Dynamic typing: some or all expression types are not known until the code is run, everyone knows python, js, etc
(getting tired running out of steam)
So anyway, you can have:
Strong/Dynamic: Python, JavaScript, ...
Strong/Static: Haskell, etc
Weak/Dynamic: Can't think of a good example here because tired :D
Weak/Static: C
And obviously there's a tonne of in-between
C++: all of C, plus statically type safe casts, and dynamically type safe casts
Objective-C: all of C, but the ObjC object system which lets you send arbitrary messages to arbitrary targets. But you don't have to have the correct parameter types...
...
And this all ignores what caused this article in the first place: implicit type conversions. These do not effect the Strong/Weak description of the language if they are well defined, eg. people often complain about string promotion, but neglect to comment on someInt + someFloat promoting the int to a float, even though such a promotion can lose data.
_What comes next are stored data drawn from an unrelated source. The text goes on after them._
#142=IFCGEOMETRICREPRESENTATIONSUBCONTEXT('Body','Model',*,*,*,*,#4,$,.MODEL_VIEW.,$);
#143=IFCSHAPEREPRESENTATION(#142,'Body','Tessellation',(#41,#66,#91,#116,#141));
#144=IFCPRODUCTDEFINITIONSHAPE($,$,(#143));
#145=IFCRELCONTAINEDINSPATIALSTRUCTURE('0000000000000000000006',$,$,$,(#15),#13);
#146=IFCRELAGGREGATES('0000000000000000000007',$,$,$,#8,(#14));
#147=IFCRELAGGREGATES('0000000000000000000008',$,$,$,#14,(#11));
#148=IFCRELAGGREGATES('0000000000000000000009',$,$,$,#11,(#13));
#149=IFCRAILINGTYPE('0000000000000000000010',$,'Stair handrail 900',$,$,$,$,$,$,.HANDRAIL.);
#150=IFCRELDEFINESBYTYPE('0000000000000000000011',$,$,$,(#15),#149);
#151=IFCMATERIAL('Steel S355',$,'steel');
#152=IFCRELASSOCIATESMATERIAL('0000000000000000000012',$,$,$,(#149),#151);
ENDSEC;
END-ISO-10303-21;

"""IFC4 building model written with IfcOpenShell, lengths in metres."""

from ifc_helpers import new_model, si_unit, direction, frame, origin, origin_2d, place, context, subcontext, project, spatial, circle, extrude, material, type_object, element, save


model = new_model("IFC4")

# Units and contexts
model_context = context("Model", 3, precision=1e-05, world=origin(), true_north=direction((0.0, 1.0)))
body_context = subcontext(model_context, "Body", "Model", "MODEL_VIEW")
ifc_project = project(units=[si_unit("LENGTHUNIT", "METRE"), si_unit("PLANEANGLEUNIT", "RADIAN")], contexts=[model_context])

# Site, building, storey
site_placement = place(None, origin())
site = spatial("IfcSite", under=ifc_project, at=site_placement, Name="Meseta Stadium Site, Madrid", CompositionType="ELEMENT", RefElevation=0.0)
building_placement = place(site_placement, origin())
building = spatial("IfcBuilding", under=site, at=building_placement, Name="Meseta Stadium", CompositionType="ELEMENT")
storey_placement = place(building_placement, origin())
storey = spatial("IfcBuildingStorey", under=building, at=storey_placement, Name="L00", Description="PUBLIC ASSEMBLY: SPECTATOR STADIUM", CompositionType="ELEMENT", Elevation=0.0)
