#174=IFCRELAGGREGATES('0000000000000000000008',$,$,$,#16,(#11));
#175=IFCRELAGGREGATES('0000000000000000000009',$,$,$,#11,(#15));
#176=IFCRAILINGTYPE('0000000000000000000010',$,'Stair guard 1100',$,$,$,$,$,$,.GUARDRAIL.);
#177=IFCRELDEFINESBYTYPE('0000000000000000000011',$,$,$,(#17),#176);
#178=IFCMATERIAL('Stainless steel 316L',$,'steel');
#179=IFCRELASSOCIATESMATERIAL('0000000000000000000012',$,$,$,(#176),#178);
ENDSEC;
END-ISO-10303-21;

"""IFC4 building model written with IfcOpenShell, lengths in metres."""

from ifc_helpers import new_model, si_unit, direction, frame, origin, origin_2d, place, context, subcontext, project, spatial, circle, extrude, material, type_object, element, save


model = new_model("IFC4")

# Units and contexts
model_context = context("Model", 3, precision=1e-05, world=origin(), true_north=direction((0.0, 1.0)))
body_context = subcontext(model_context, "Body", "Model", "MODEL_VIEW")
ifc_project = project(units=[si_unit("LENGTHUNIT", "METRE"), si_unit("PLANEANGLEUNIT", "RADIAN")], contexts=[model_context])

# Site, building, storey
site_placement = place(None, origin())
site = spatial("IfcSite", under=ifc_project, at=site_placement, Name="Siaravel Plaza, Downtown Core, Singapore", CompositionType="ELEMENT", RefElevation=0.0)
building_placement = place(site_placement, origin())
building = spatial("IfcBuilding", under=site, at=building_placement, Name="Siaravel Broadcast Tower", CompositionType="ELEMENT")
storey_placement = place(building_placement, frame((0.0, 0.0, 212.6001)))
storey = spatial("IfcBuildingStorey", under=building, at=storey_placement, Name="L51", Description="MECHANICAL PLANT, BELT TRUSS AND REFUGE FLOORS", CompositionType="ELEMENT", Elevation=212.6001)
The distinction is purely a matter of "does the language allow you to perform an operation on a value of a type that is not compatible with that operation". One way to achieve that is the say it's completely illegal: throw an exception at runtime, fail to compile, etc another alternative is to implicit convert the type to something that is valid. Note that /converting/ a value changes the value being used. Compare that to the not type safe version where you literally ignore the type of the value being used. In the case of int + float it's the difference between converting the int to a float value, and just treating the bits of the integer as if they were the bits in a float.
Many apologies about the awful writing, but it's late :D
The interesting thing is that the "obvious correct" behaviour would require the precedence of the + operator to depend on the types of the operands - which is obviously impossible if it's done at the parse stage...
So on mobile you can't see the entire width of that website, but trying to scroll to the left or right changes articles. Absolutely brilliant, why do people think that overriding the scroll on mobile is a good thing is beyond me.
2) The price you pay for type coercion. Be thankful Java defines the order of evaluation. Not all languages which coerce specify the order of evaluation.